For a researcher writing a proposal in the back half of 2026, the practical implications stack up:

Contact the program officer six to eight weeks before submission, with a specific scientific question and a one-page summary of the planned work. Use that conversation to test whether the work aligns with current directorate priorities, not historical solicitation language.

Stage the proposal to the shortest credible timeline that does scientifically meaningful work. Two- and three-year proposals carry less residual policy risk than four- and five-year proposals in the current environment.

Write the proposal narrative for two reviewers and a paragraph-length panel summary, not three reviewers and a multi-page summary. The opening pages, the broader-impacts narrative, and the program-officer-facing framing all carry more weight than they did under the prior structure.

Position the topic within directorates and divisions that faced lower termination rates. Physical sciences, engineering, computer science, and biological sciences are structurally lower-risk than STEM Education and Social, Behavioral and Economic Sciences in the current environment. Researchers whose work could credibly sit in either directorate should consider the lower-risk path.

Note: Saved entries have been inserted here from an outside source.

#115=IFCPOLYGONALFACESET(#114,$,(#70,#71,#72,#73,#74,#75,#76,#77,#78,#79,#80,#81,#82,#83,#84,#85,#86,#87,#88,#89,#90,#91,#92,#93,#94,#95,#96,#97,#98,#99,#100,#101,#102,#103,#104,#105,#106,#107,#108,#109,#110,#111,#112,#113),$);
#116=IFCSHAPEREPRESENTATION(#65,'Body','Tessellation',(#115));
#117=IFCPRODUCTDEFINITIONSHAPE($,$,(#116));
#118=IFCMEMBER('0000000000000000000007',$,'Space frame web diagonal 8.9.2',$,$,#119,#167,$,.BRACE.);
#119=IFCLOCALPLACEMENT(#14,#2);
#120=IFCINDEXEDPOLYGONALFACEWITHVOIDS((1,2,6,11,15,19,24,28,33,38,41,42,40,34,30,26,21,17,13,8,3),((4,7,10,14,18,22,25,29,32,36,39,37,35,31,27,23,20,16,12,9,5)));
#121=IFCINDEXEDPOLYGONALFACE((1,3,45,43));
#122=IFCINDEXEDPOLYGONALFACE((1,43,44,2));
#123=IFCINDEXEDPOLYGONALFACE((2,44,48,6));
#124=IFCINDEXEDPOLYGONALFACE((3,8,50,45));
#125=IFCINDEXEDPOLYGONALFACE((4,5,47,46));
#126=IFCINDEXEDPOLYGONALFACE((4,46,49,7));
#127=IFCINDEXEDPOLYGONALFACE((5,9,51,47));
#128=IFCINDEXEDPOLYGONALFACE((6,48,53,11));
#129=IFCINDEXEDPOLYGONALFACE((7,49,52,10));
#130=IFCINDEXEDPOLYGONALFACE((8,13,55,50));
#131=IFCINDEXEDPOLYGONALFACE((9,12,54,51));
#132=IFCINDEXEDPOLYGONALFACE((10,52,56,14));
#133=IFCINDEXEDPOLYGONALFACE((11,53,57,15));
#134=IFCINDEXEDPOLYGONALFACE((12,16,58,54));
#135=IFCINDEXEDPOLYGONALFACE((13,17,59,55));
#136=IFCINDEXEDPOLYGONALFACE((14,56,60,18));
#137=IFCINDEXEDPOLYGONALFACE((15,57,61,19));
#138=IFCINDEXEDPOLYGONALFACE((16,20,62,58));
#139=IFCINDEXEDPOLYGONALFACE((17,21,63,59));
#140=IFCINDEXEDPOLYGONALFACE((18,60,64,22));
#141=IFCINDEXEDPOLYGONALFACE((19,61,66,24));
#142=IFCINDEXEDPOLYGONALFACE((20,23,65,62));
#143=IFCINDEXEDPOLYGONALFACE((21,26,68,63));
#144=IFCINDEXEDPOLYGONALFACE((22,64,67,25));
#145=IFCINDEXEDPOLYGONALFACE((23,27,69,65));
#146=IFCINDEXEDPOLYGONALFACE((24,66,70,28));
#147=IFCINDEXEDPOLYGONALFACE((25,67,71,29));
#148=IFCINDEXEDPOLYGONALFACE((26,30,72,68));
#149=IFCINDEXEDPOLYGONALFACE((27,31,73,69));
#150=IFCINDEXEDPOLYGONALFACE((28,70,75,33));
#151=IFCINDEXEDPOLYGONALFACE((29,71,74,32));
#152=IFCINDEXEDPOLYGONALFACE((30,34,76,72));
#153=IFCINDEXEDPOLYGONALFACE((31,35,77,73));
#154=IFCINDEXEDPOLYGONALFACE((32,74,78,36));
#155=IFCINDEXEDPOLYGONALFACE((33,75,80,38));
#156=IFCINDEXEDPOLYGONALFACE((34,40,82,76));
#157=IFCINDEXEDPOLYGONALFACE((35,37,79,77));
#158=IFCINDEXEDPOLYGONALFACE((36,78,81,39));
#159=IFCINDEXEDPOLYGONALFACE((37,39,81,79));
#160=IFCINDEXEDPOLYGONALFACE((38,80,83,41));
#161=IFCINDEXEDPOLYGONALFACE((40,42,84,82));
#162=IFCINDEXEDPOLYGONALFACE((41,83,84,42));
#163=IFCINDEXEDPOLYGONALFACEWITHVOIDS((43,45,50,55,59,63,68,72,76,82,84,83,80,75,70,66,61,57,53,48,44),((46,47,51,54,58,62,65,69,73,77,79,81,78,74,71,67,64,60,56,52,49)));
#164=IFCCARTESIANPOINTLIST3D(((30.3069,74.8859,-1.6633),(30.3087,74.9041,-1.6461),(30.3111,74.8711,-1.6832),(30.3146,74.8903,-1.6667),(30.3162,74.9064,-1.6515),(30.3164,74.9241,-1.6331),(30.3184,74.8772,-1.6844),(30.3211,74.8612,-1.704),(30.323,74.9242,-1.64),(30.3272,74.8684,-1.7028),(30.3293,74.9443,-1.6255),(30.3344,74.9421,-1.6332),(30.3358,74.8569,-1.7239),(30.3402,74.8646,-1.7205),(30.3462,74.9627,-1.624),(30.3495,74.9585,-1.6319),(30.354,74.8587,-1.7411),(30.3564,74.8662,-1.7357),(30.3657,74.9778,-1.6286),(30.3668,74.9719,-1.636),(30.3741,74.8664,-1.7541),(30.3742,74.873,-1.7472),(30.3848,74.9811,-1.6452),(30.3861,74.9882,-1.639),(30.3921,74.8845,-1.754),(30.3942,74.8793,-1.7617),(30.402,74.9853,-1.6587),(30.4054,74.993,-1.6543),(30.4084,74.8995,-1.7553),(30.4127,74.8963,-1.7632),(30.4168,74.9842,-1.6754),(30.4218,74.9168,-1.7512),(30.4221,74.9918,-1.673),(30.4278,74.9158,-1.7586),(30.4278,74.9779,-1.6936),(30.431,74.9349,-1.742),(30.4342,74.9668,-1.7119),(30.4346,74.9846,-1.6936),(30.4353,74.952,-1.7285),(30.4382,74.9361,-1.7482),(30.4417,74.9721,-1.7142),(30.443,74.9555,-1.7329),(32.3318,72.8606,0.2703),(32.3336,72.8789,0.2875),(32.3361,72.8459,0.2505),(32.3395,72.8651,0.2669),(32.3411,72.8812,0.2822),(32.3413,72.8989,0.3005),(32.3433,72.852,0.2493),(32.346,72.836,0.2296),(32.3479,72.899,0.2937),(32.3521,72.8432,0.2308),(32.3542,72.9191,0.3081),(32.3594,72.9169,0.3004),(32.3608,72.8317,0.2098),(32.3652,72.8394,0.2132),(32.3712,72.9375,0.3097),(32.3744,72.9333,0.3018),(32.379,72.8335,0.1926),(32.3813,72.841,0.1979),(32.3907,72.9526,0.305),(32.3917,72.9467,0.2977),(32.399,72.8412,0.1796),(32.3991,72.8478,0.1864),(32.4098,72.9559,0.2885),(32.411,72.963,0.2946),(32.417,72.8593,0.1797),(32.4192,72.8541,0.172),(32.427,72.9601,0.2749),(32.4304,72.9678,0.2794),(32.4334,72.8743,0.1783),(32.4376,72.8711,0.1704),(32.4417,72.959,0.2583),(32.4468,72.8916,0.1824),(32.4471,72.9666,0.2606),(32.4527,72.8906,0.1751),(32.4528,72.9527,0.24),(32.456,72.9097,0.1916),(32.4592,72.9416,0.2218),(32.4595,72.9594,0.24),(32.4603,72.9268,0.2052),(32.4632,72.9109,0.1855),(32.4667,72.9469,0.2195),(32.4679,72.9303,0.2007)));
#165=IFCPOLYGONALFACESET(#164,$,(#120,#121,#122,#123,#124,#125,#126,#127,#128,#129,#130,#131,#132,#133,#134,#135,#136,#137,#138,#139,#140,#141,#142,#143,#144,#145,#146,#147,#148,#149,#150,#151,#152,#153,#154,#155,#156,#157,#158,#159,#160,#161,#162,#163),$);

Document AI tool use explicitly, complete research security training before the submission window opens, and budget equipment items at the new $10,000 threshold.

The NSF that exists in June 2026 is a fundable agency. It is not the same agency that existed eighteen months ago. Proposals that read as though the prior agency were still in place will be selected against by the new review process. Proposals that read as though their authors understand the new agency — its priorities, its review structure, its compliance environment, its leadership uncertainty — will be selected for.